Per-Class Detection Performance
| Class | Precision | Recall | AP@0.5 |
|---|---|---|---|
| PP (Polypropylene) | 99.3% | 98.9% | 99.1% |
| PS (Polystyrene) | 98.8% | 99.2% | 99.0% |
| PE (Polyethylene) | 99.1% | 99.4% | 99.3% |
Test Conditions
- Test Period: 2 weeks continuous operation
- Training Images: Approximately 800,000
- Conveyor Conditions: Approximately 0.5m/s
Insights from the Optimization Process
TensorRT Conversion Considerations
1. Always Build the Engine on Jetson
TensorRT engines are hardware-dependent. Engines built on a server will not work on Jetson.

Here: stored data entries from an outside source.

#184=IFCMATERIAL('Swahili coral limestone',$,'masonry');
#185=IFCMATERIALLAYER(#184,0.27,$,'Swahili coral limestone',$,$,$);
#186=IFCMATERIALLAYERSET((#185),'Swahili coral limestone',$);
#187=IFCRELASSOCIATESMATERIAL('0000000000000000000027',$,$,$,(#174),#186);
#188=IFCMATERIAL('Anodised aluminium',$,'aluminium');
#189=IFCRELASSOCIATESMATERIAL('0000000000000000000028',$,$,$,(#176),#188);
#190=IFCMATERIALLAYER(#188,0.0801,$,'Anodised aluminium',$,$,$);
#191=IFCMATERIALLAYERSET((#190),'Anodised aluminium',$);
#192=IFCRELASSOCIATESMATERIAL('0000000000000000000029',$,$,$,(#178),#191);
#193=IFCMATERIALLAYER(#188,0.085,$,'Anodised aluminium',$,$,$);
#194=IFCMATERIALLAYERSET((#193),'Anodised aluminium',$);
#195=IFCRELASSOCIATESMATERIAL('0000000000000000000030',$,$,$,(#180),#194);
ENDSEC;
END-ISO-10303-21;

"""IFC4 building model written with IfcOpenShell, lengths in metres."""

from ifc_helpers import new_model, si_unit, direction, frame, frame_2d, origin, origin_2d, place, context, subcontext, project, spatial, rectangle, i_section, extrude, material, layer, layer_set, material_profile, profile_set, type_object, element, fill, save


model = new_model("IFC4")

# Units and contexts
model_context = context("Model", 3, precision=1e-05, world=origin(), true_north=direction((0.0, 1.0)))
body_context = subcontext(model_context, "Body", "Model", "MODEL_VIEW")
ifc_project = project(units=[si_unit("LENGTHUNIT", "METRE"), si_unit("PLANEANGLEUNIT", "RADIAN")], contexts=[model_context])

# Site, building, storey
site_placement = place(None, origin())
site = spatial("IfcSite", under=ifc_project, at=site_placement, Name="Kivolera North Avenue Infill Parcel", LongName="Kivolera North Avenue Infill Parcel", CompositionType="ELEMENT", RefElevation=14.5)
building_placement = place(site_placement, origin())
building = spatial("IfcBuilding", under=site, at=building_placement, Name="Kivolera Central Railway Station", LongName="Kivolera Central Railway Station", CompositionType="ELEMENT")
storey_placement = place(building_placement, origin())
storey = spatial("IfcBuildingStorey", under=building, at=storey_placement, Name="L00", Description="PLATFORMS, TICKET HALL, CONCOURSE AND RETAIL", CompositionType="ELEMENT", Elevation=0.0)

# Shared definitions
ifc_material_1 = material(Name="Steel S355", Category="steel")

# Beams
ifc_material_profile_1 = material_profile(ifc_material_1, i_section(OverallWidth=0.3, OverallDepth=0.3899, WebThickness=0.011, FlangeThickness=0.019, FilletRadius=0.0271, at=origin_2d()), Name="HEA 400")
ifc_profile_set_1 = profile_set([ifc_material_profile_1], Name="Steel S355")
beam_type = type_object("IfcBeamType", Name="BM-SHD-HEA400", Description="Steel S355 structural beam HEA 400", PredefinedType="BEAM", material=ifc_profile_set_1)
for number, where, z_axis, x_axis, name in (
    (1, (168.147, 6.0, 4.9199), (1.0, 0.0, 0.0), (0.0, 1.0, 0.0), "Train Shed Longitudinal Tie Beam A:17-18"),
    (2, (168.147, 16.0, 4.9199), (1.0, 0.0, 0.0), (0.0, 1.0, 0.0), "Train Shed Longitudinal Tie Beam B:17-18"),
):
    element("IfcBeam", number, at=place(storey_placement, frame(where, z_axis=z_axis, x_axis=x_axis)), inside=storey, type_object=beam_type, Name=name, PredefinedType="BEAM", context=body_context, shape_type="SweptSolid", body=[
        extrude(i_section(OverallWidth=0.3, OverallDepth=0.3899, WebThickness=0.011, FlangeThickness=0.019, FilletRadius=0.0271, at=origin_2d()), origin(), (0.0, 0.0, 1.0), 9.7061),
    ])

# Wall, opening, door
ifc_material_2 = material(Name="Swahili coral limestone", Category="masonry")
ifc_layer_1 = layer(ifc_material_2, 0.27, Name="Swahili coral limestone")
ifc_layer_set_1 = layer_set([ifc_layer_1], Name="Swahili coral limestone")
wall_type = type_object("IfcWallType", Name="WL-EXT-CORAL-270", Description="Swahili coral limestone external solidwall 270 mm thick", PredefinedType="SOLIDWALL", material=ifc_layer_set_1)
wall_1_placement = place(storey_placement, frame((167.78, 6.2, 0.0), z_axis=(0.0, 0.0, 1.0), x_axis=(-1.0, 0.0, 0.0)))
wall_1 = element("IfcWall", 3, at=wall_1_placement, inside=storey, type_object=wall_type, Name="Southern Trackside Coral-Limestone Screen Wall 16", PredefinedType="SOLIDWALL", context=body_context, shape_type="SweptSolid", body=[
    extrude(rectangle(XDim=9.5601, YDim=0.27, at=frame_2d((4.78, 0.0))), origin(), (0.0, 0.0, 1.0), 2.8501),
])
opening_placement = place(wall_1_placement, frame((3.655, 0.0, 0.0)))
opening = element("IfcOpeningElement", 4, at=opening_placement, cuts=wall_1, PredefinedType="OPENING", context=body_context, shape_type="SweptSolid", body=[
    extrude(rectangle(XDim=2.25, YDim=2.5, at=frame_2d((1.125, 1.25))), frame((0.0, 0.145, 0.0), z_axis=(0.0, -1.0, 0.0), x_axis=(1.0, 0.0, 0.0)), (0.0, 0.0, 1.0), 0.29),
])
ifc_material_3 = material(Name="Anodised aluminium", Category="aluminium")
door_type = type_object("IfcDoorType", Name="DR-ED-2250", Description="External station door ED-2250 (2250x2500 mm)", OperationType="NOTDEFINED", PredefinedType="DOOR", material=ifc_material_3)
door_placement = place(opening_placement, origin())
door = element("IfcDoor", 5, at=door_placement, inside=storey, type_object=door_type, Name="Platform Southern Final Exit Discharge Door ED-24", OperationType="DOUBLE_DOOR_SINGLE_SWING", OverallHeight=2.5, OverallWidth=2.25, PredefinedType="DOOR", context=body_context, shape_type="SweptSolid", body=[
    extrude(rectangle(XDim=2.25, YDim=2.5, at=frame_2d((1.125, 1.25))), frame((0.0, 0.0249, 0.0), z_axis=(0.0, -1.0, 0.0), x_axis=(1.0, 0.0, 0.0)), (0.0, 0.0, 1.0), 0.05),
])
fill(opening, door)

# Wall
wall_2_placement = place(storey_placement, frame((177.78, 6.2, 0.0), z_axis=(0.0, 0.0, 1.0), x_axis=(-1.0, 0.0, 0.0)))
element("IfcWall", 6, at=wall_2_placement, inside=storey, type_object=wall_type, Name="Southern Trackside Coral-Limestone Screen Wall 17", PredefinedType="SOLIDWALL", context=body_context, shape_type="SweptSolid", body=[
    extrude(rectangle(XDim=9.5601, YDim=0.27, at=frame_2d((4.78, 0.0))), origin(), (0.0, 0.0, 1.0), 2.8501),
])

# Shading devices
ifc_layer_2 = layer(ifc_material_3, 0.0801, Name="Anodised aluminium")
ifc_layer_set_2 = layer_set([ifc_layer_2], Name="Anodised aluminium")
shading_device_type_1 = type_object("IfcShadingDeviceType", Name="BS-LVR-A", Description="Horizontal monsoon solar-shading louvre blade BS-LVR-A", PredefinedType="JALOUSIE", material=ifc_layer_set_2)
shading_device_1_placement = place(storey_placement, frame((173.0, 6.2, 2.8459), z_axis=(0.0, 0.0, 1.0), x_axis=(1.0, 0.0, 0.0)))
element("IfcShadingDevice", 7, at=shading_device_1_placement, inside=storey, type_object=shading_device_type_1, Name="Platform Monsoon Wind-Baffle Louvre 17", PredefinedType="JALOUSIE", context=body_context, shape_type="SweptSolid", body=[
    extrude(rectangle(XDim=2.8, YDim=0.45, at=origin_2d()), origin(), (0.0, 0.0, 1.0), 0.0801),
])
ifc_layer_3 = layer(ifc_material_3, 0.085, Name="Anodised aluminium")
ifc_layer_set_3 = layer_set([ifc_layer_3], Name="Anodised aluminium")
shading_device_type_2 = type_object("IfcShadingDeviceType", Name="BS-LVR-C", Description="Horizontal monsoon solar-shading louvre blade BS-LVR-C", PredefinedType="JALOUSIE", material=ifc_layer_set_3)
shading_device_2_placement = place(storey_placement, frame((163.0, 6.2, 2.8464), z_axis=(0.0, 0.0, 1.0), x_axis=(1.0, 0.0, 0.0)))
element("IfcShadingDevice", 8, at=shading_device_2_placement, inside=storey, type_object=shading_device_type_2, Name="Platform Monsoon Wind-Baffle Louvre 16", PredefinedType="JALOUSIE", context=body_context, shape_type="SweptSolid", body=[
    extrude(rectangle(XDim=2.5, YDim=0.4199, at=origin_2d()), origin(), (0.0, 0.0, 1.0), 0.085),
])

2. Dynamic Shape vs Static Shape
In Jetson's constrained memory environment, Static Shape is more efficient. Fixed input sizes optimize memory allocation.
3. Consider DLA Utilization
Running some layers on DLA can save GPU resources. However, not all layers support DLA, so compatibility verification is necessary.
DeepStream Implementation Considerations
1. Jetson Power Mode Settings
Jetson Orin AGX supports multiple power modes:
# Maximum performance mode
sudo nvpmodel -m 0 # MAXN mode
# Check power mode
nvpmodel -q
2. Tracker Selection
| Tracker | Characteristics | Jetson Suitability |
|---|---|---|
| IOU Tracker | Simple and fast | Highly suitable (low overhead) |
| NvDCF | GPU accelerated, high accuracy | Suitable (uses additional GPU resources) |
| DeepSORT | Re-ID based | Caution (requires additional model, resource intensive) |
In conveyor environments, object movement direction is consistent, so IOU Tracker was sufficient.
Conclusion
Quantitative Results
| Metric | PyTorch Baseline | After Optimization | Improvement |
|---|---|---|---|
| Inference Speed | 15ms | 7ms | 46% reduction |
| FPS | 67 fps | 142 fps | 215% improvement |
| Accuracy (mAP@0.5) | 99.2% | 99.1% | -0.1% (negligible) |
Qualitative Results
- Edge-Independent Operation: Fully autonomous on-site operation without network dependency
- Improved Stability: Freedom from Python environment memory leaks and GIL issues
- Power Efficiency: Low-power operation
- Easy Maintenance: Configuration file-based pipeline makes model replacement simple
Key Takeaways
-
Jetson is not a server: Code and models that work on servers will not perform well as-is. Optimization for the Jetson environment is essential.
-
Leverage unified memory: Jetson's biggest advantage, unified memory, pairs well with zero-copy pipelines like DeepStream.
-
Utilize all hardware accelerators: Leverage not just the GPU, but also NVDEC, NVENC, and DLA for excellent end-to-end performance.
-
Set power mode appropriately: MAXN mode is not always optimal. Consider heat and power constraints. However, in our project, MAXN mode ran without issues even during extended operation in a hot waste processing facility during summer.
Jetson Orin AGX proved to be a suitable platform for industrial environments requiring real-time AI inference at the edge. Through TensorRT and DeepStream, we achieved near-server-level performance within constrained resources. Its value particularly shone in environments like conveyor plastic sorting where both latency and throughput are critical.